Même si elle ne voulait pas s’en séparer, on enleva son enfant à Sarane pour qu’elle puise se reposer tranquillement. Clotaire savoura ces moments seul à seul avec le bébé, l’observant simplement dormir dans le berceau qu’il avait construit de ses mains.
Puis vinrent les réveils en pleine nuit pour nourrir l’enfant, les couches à changer et tous les autres petits bonheurs des premiers mois.
Aujourd’hui ce petit bout de chou dont je n’ai pas
encore dit le sexe se porte comme un charme.
Il vient d’avoir deux ans et se tenant parfaitement sur ses
petites jambes trotte sans arrêt derrière sa
mère.

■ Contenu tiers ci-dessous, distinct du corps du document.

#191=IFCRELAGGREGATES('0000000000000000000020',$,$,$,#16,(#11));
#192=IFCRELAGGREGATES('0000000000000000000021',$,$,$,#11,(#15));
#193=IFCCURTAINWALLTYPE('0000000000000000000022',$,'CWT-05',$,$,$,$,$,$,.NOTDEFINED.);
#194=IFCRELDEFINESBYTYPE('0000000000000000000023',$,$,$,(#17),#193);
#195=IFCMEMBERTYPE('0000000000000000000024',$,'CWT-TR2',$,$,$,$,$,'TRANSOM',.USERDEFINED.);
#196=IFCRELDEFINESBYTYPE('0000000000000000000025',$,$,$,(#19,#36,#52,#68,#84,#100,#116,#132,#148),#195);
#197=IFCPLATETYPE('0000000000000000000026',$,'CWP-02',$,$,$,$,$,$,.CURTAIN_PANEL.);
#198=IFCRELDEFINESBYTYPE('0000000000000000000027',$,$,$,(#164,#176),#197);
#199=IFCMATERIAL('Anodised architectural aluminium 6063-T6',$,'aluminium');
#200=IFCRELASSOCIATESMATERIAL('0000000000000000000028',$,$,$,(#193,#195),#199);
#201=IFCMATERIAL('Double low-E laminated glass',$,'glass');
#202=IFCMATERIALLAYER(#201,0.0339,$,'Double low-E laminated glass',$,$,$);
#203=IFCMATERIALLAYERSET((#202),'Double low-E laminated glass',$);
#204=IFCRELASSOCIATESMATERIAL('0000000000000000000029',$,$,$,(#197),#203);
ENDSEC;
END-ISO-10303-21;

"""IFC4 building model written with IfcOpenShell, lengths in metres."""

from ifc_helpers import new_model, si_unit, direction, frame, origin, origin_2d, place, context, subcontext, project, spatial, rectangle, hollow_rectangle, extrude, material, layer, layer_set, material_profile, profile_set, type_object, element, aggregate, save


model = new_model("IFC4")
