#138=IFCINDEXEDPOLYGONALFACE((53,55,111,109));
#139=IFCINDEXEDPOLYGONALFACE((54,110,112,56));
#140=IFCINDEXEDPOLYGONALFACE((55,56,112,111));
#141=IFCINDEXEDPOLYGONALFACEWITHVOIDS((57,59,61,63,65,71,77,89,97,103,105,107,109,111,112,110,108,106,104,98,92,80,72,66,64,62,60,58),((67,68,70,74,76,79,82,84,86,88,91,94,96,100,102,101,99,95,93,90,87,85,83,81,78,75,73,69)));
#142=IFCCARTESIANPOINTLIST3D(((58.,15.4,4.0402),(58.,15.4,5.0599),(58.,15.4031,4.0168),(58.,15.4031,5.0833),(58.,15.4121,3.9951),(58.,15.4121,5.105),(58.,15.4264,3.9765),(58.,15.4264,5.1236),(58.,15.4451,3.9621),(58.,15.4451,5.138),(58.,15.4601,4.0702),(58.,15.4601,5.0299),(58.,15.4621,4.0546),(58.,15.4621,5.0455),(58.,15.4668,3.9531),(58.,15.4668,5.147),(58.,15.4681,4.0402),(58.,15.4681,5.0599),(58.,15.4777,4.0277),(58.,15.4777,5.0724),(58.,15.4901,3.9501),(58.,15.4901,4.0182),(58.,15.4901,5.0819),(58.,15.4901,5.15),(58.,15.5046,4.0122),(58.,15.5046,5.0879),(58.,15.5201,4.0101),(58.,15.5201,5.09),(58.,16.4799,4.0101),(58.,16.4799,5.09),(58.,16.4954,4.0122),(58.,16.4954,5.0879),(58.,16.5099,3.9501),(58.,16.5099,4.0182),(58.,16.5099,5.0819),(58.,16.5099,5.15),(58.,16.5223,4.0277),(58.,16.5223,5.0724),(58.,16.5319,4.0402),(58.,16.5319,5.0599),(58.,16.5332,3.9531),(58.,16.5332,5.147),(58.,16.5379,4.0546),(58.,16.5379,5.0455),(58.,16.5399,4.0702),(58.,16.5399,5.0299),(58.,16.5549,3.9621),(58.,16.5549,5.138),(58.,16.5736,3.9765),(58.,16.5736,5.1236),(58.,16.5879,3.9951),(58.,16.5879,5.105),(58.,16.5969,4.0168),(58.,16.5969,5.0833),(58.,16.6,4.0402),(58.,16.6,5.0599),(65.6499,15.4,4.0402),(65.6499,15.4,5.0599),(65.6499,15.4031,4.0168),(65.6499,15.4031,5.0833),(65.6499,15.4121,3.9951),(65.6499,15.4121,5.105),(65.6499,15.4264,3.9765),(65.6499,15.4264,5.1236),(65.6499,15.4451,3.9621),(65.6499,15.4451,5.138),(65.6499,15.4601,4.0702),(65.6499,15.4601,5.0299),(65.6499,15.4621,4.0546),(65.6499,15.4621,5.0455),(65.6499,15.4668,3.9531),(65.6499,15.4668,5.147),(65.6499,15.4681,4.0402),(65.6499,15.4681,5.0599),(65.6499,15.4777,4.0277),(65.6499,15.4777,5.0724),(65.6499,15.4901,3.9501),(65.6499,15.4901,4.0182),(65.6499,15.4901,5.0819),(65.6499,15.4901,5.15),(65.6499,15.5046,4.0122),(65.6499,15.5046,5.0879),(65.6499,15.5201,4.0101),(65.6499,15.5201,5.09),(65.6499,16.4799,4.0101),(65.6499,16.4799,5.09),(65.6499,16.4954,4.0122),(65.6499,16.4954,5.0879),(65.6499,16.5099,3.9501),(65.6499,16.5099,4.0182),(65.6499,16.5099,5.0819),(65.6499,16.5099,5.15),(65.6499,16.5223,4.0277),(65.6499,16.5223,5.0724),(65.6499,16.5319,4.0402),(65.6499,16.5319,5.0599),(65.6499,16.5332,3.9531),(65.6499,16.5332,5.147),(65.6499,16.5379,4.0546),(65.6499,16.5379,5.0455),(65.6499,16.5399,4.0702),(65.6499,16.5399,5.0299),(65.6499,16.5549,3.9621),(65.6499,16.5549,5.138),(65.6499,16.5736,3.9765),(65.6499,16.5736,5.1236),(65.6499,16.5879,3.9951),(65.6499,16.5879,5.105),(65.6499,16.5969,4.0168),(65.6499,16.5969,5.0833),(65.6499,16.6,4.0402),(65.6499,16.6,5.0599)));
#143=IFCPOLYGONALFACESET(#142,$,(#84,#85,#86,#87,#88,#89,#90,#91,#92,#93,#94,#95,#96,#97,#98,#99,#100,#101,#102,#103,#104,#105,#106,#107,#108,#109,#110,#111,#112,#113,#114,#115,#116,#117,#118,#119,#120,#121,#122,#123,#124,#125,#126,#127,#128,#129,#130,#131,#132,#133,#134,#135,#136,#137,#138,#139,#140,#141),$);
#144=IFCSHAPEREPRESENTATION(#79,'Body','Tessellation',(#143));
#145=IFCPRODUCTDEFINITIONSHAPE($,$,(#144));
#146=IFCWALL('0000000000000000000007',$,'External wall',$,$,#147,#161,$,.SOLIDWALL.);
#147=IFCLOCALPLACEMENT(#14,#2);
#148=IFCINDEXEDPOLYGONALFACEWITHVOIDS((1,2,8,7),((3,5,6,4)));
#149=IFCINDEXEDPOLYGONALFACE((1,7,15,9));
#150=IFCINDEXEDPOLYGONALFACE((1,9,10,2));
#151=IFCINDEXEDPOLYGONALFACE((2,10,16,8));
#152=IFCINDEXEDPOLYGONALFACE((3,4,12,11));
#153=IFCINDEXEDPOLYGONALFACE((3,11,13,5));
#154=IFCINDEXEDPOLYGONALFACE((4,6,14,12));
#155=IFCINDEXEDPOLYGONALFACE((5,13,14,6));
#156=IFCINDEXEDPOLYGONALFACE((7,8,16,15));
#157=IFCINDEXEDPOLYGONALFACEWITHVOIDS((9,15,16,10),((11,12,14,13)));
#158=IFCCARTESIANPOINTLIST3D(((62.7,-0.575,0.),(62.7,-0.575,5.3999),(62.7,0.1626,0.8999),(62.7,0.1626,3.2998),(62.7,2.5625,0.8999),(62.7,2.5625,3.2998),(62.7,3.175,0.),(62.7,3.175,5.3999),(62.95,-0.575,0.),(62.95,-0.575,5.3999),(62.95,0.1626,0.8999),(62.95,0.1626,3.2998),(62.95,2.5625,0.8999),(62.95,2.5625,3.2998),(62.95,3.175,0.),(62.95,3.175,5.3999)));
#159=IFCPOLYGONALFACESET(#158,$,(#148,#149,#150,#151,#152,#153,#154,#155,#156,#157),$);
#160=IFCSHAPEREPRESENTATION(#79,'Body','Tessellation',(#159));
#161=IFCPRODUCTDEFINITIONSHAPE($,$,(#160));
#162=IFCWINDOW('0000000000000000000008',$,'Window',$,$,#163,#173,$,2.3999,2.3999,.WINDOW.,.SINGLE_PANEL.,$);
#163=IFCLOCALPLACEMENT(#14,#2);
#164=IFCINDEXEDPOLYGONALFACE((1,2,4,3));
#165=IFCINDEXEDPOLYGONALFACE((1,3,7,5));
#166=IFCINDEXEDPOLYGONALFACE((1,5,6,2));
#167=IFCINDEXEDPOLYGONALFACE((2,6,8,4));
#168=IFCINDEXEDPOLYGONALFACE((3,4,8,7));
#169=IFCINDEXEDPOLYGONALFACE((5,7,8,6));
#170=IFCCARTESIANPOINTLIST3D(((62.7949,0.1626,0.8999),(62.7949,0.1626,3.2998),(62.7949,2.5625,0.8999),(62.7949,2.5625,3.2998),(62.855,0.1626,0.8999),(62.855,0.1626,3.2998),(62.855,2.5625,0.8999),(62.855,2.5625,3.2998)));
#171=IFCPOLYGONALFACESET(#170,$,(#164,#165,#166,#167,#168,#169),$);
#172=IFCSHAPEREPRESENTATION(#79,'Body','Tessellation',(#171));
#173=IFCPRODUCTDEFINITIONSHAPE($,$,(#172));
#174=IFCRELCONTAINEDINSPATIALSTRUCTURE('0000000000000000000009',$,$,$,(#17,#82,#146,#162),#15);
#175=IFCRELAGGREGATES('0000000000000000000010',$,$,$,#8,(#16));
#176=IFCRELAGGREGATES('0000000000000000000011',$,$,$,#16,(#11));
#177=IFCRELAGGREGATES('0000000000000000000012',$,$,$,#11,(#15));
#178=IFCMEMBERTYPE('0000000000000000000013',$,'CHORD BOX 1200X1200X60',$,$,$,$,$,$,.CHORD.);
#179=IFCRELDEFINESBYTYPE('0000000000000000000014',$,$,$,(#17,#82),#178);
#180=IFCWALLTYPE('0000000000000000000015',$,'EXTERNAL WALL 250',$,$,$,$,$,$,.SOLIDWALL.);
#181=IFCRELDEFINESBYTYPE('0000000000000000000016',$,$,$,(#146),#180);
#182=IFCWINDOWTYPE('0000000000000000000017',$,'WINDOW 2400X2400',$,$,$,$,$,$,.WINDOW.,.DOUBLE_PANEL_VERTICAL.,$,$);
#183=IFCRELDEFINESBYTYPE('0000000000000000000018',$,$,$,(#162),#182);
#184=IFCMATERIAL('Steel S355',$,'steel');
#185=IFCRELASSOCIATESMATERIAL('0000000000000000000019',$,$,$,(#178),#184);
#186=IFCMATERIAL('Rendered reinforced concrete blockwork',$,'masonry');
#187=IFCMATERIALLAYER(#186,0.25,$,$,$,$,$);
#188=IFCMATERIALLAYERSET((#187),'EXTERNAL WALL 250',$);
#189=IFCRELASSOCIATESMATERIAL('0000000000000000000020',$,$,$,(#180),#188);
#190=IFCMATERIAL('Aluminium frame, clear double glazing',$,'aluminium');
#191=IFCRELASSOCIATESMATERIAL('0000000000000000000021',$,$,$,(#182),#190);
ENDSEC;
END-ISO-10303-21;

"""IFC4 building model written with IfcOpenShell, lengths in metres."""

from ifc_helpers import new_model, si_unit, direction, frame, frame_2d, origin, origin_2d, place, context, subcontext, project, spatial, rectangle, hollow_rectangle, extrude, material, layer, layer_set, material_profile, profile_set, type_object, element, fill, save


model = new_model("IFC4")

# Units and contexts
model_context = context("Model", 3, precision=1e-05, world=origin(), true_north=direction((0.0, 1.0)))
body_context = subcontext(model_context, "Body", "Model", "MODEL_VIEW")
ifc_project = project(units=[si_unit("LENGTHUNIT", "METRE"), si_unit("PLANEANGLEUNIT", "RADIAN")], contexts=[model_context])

Il dit quelques mots dont on comprend le sens mais le
reste du temps il se borne à un charabia
incompréhensible. Clotaire tente
désespérément d’étendre le
vocabulaire de l’enfant mais les grands-parents lui jurent
que ce n’est pas grave.
Les Sages se sont penchés sur son berceau quand il
était petit et pas pour en guise de bonnes marraines comme
dans les histoires. Ils ont trouvé de quel genre serait son
pouvoir sans pour autant le savoir avec exactitude.
Les craintes de Sarane que son enfant est hérité du
même pouvoir que le mien se sont envolés et j’en
suis bien heureuse pour elle. Même s’il eut
été possible d’enfermer son pouvoir comme
l’avait été le mien, il n’était
pas facile de ne pas avoir de pouvoir spécial… bon
d’accord pas plus que d’avoir celui-ci.